Coq functional extensionality

Question

I have a goal with a function whose body I would like to rewrite, but some of the function arguments get in the way of the rewriting. I have recreated the situation with the identity function.

If the function is Defined, then it works, but when the function is a parameter and I have an axiom stating how to rewrite, I'm not able to rewrite.

I can only get it to work by assuming functional extensionality. Is it possible to somehow rewrite without assuming functional extensionality?

Axiom functional_extensionality: forall {A B} (f g:A->B) , (forall x, f x = g x) -> f = g.

Variables A B : Type.
Variable f : A -> B.

Definition Id (x : B) := x.         (* here my function is Defined *)

Goal (fun x => Id (f x)) = f.       (* I'd like to rewrite inside the fun *)

Proof. auto. Qed.                   (* This works (eta reduction). *)

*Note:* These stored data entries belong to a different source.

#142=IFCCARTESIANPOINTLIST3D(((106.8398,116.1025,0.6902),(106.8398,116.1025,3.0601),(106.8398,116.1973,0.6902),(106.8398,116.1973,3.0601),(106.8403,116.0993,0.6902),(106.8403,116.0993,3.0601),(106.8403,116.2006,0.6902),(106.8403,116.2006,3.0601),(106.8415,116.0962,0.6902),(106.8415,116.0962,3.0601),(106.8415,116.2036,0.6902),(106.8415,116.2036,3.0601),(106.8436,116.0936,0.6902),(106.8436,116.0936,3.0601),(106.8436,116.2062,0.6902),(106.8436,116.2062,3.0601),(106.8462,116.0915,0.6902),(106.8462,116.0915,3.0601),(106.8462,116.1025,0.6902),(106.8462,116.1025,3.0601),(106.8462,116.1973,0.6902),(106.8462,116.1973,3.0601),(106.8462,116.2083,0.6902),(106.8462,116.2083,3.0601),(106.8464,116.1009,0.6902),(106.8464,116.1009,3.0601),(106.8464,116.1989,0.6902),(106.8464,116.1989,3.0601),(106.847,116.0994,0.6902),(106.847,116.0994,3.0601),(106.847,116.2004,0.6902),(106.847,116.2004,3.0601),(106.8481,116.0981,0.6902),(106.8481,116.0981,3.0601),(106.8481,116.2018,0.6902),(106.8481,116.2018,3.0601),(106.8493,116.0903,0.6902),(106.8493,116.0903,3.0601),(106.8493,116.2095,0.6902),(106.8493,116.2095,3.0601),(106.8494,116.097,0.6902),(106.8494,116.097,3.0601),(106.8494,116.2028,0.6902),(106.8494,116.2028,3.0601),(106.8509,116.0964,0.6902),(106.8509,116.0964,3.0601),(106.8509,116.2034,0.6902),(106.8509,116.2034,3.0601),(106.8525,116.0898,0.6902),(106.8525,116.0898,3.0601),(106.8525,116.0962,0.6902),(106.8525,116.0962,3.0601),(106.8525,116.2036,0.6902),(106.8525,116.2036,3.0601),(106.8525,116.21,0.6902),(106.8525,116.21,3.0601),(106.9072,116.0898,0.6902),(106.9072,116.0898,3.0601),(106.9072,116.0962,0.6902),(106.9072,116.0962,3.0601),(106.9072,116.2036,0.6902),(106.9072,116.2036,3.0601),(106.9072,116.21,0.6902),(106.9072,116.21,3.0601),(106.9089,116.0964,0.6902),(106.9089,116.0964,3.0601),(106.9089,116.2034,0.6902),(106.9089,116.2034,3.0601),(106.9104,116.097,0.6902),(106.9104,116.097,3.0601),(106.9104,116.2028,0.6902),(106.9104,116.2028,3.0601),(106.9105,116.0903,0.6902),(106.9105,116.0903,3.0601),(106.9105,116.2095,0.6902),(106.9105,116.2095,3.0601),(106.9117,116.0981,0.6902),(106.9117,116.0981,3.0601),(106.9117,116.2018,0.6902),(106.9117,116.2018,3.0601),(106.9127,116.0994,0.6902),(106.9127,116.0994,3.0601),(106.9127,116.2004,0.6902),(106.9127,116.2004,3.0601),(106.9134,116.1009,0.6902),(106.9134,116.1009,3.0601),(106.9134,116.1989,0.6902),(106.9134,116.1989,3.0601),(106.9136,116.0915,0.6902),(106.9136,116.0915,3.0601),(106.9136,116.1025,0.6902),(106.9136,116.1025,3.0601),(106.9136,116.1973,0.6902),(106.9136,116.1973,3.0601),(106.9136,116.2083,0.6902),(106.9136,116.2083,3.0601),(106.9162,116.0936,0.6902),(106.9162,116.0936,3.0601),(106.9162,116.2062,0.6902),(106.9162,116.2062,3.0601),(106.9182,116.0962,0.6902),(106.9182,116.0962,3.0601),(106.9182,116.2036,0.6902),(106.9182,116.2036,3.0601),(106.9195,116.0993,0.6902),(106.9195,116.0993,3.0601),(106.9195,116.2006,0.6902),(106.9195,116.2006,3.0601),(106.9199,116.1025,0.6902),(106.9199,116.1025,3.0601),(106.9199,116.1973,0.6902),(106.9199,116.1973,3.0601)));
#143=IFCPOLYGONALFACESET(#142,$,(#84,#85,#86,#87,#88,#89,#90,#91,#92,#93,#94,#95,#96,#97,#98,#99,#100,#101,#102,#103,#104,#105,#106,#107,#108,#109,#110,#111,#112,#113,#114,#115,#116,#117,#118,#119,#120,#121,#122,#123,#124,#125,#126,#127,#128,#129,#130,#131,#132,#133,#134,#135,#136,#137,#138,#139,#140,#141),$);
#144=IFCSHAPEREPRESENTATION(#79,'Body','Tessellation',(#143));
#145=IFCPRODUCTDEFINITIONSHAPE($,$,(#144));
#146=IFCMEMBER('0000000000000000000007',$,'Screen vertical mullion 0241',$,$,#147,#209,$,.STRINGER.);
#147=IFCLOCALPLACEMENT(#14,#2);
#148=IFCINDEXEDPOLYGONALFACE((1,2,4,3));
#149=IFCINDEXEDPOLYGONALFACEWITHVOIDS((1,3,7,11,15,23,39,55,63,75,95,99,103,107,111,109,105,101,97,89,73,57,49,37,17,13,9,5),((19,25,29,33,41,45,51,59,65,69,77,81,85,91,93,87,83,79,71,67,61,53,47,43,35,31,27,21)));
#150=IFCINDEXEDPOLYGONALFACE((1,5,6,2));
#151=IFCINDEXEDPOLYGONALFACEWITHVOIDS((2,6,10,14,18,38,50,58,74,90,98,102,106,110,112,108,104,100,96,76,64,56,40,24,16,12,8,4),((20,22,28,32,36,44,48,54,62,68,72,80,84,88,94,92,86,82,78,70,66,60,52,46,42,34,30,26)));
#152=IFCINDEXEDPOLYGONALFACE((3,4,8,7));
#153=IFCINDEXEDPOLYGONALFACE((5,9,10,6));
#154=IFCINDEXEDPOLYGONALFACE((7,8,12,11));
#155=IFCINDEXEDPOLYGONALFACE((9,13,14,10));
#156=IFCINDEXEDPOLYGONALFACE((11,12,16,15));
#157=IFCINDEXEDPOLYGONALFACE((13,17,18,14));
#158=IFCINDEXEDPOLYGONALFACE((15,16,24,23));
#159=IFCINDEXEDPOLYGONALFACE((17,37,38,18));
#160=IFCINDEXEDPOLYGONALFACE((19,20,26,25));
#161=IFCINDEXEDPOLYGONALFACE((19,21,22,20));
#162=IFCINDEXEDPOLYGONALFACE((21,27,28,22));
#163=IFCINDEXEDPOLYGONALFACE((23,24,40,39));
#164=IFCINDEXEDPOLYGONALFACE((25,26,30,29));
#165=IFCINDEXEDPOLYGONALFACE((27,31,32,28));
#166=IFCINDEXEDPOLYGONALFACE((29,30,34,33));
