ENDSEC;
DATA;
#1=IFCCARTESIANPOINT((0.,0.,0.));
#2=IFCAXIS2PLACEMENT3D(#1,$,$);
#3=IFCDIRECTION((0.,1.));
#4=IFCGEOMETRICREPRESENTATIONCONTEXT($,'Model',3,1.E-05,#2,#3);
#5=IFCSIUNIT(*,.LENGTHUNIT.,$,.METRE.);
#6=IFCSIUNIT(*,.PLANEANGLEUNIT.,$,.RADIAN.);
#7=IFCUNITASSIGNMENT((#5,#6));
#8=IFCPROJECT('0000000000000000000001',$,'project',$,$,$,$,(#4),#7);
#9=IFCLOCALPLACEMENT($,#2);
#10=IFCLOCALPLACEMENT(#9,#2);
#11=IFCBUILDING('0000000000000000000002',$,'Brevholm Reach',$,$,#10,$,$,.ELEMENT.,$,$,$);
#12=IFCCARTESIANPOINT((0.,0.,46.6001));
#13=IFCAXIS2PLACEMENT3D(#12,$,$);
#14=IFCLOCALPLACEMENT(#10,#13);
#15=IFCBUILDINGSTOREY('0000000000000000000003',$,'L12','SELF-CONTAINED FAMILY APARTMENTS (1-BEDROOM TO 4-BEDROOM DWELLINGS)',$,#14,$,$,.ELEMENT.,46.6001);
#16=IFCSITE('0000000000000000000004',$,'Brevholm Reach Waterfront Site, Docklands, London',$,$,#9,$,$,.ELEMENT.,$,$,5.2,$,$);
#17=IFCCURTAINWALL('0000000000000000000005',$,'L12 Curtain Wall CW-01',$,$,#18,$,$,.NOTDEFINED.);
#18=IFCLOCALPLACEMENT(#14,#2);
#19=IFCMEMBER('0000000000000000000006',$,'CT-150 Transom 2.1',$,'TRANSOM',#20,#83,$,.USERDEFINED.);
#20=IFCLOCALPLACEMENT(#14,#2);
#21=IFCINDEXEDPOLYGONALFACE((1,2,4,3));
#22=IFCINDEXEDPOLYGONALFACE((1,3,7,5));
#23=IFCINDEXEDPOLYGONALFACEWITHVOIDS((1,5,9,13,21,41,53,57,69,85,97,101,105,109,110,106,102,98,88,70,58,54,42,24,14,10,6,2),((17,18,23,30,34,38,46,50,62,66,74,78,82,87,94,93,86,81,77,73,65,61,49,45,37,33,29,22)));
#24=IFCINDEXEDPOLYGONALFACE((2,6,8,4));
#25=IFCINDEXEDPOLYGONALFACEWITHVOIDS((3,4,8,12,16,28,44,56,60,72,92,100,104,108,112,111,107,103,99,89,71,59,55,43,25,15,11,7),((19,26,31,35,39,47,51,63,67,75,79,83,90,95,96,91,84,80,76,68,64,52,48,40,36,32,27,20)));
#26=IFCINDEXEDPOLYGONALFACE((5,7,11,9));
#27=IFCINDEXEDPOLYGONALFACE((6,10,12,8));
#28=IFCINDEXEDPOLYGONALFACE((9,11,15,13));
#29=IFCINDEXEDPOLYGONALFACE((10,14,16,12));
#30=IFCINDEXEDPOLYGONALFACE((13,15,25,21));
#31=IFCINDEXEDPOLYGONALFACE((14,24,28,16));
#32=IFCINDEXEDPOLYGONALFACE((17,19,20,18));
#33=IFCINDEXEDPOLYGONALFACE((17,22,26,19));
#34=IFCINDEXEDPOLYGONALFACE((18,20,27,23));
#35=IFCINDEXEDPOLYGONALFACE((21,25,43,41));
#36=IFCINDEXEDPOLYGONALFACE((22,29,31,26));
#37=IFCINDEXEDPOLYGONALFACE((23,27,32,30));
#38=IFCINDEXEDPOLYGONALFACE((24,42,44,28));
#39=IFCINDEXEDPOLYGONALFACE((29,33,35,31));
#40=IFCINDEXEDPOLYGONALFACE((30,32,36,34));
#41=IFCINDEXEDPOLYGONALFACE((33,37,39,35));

Variable Id' : B -> B.              (* Here I don't have the function definition *)
Axiom ID     : forall x, Id' x = x. (* only proof that it does the same thing *)
Goal (fun x => Id' (f x)) = f. 
Proof.
  rewrite ID.                       (* this doesnt work *)
  eauto using functional_extensionality, ID. (* but this works *)

Answer 1

Unfortunately it is not possible to prove this without assuming functional extensionality; Coq requires that fun x => Id' (f x)) = fun x => f x holds "definitionally".

What does "definitionally" mean here? Briefly, it means that both terms must have the same normal form syntactically. Recall that in Coq, every term has a normal form induced (mainly) by beta reduction.

However, we only know that Id' x = x "judgementally". Thus, Coq can't perform the reduction Id' x ~> x, preventing both terms above from becoming equal "definitionally".

This is indeed a limitation of Coq's theory, which I understand is in place so type-checking remains decidable.

Another approach to completing this proof would be to derive that the only function satisfying this equation is fun x => x (parametricity). This would provide you a hypothesis Hid: ID' = (fun x => x) which you could use to complete the proof. Unfortunately Hid is not provable internally in Coq.